In 1972, Marvin Gaye was on top: or so it seemed. "What's Going On," "Mercy Mercy Me (The Ecology)," and "Inner City Blues (Make Me Wanna Holler)," the three singles from his universally acclaimed album What's Going On, had each hit No. 1 on Billboard's Hot Soul Singles chart (since renamed Hot R&B/Hip-Hop Songs) and Top 10 Pop the year before. His new single, "You're The Man" – a percolating, sarcastic riff on political non-action issued as the U.S. presidential campaign was kicking off – reached No. 7 on Billboard's Hot Soul Singles chart. He saw Motown schedule a You're The Man album (catalog number Tamla 316). But when the lead single didn't cross over Pop, stalling at No. 50, Marvin retreated. Ambivalent about recording, stubborn about moving to Los Angeles with Berry Gordy and Motown, Marvin by his actions proclaimed no more new Marvin Gaye music.

However, in this singular and transitional year for the late music legend, Gaye recorded more than an album's worth of music in Detroit and L.A. He produced himself, creating a suite of aching ballads; he worked with songwriters-becoming-producers Willie Hutch, then known mainly for the Jackson 5 smash "I'll Be There," but soon to be lauded for his film scores to The Mack and Foxy Brown; and with Pam Sawyer and Gloria Jones, whose "Piece of Clay" for Marvin decades later became a smash in the 1995 film Phenomenon. He cut two sought-after tracks with Freddie Perren and Fonce Mizell, half of the hit-making machine behind the Jackson 5; he got together with Hal Davis, who was preparing a Marvin Gaye-Diana Ross album, to cut another topical gem, "The World Is Rated X." And Marvin funneled his anger over the Vietnam War, and his brother's experiences there, into a sequel of sorts to "What's Going On," the poetic holiday ballad, "I Want To Come Home For Christmas." He even re-cut "You're The Man" as an eerie funk jam, perhaps for the LP as a bookend to the single.

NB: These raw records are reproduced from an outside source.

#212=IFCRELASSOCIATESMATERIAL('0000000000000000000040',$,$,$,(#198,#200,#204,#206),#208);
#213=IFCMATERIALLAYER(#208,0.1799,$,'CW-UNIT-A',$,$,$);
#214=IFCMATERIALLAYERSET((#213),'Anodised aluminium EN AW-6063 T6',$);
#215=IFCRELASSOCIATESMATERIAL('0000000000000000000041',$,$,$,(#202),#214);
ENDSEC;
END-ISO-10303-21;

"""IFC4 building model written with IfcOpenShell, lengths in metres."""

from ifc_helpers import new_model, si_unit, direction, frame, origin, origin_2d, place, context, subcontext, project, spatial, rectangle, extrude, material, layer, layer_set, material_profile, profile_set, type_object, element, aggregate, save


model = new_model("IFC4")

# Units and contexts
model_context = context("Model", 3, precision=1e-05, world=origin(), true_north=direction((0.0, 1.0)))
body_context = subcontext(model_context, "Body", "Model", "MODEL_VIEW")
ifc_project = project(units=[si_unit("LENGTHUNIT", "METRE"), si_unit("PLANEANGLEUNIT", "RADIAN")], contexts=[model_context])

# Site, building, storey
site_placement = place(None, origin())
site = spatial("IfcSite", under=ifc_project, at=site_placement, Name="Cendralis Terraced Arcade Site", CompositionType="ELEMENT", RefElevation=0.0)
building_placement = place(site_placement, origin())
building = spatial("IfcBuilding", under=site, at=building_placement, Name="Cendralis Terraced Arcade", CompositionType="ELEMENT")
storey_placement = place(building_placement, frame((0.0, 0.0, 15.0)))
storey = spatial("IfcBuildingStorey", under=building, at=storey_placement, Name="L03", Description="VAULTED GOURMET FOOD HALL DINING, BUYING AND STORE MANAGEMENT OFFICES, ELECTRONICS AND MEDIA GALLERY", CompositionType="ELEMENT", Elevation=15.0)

None of these tracks or any other on the LP, except the single, were issued at the time. Three tracks from the album are newly mixed by SaLaAM ReMi, the songwriter and producer long associated with Nas, the Fugees, and Amy Winehouse: "My Last Chance," "Symphony," and "I'd Give My Life For You." Also included is the rare, long LP version of Gaye's cancelled 1972 Christmas single, plus an unreleased vault mix of its instrumental B-side. Over the years, songs from You're The Man have been included on several CD releases but 15 of the album's 17 tracks have not been released on vinyl until now.